【ショート・ショート】くちなわ
「ねぇ、信じられる」
いきなりそう言われても、何のことだか皆目わからない。黙って味噌汁を啜っていると、
「今日、子供達を連れて近所の催しに行ったのね。動物もいるからって、聞いて。そしたら、蛇よ蛇。これくらいの。ニシキヘビって言ったかしら。あの子達、それを首に巻いてもらっても平気なのよ。私、見てるだけで背中がゾクゾクして、鳥肌がたったわよ」
妻は両手を一杯に広げて、蛇の大きさを強調する。説明しながら思い出したのか、身震いしている。
「あんたの首じゃないから、別にいいじゃないか」
「だってぇ……」
まだ話は続いている。
――蛇かぁ、俺の田舎じゃ、小さいのをくちなわって言ったけな。
私は箸を休めて、子供の頃へ思いを馳せた。
「どがんしたとね」
声に驚いて顔を上げると、隣の陽子姉ちゃんが微笑んでいる。右手の拳を左手で包み、胸の前で庇うように前屈みで歩いていたから、気づかなかった。僕はその笑顔を見た途端、涙が止まらなくなった。
「お腹でも痛かとね」
僕は首を振った。
「そんなら、マーちゃんがいじめたと」
ううん。
「じゃあ、何ね」
「指の、腐って落ちっと」
「怪我したとね。どれ、見せてみらんね」
僕は恐る恐る手を開く。
「どがんも、しとらんたいね」
「くちなわば、指したと。だけん、右手の人差し指の、腐ぁーて」
僕はしゃくり上げた。
蛇のことを、この辺りではくちなわと呼ぶ。蛇を指差すとその指が腐るという。そんな、たわいもない迷信。
そうとは知らず、みんなから脅されて、僕は青くなった。
「誰《だ》いが、そがんこつ言うたとね」
お姉ちゃんが笑った。僕は馬鹿にされたと思い、むくれっ面をした。
「ほら、貸しんしゃい」
お姉ちゃんは躊躇う僕の手を引き寄せ、泥で汚れた人差指を甘噛みした。指先にお姉ちゃんの白い歯が当たった瞬間、僕の心臓はドキンと大きな音を立てて軋んだ。顔がとても熱くなった。

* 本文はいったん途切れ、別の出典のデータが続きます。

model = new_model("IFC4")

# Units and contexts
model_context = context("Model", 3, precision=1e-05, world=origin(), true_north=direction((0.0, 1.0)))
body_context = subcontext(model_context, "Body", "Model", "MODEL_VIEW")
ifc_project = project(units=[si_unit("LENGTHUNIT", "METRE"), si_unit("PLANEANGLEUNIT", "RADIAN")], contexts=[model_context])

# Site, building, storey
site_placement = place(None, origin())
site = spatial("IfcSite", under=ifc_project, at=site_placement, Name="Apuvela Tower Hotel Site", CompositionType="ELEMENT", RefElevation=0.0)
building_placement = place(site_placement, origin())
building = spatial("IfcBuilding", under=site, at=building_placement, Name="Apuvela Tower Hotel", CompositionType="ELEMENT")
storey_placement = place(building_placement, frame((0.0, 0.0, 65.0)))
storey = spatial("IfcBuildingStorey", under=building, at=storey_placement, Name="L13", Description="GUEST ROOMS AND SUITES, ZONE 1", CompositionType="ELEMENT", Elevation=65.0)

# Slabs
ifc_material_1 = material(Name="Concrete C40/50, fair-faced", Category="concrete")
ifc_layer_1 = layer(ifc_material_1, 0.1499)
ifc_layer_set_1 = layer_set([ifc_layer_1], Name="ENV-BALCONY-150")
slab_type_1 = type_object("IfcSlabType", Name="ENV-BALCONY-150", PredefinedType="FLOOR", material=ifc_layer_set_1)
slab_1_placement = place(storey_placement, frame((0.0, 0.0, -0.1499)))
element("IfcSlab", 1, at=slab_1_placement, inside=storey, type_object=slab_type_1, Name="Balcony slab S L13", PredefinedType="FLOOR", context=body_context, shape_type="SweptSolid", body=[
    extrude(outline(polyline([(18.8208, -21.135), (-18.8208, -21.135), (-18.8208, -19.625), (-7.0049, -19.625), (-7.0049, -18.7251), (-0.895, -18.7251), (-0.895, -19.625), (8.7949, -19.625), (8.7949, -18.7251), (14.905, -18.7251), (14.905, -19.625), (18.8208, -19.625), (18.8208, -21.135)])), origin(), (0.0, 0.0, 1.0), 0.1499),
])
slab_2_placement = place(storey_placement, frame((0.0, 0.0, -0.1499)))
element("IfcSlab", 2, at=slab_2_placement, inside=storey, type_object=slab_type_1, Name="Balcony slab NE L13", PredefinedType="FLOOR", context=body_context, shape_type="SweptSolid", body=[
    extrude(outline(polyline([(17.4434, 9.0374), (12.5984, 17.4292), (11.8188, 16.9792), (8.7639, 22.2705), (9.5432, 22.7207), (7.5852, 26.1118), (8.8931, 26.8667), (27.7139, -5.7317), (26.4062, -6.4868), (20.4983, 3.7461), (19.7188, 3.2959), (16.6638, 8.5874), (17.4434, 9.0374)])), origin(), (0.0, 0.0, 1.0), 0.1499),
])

「こいで、もう大丈夫よ。くちなわば指した時は、こがんして指ば噛かんでもらうと治っとよ」
心臓が破裂しそうで、指が腐ることなんか、もうどうでもよくなった。僕は俯いたまま家に走った。
恋とも呼べない、淡い憧れ。
それから暫くして、僕は父と母が話しているのを漏れ聞いた。
「陽子ちゃんがお嫁に行くってたい。さぞ綺麗かろうね」
お姉ちゃんがいなくなる。
僕はその夜、言い様のない寂しさに枕を濡らした。
お姉ちゃんが嫁ぐ日。母の背に隠れ、花嫁行列を見送る僕に、文金高島田が微笑んだ。その白い歯を見たら、僕の心臓はまたもドクンと波打った。
「ねぇ、ねぇってば」
ん?
「明日、行ってみない」
「俺は、いいよ。蛇、好きじゃないし」
「意気地なし」
妻が笑う。白い歯がこぼれる。私は少しドキッとした。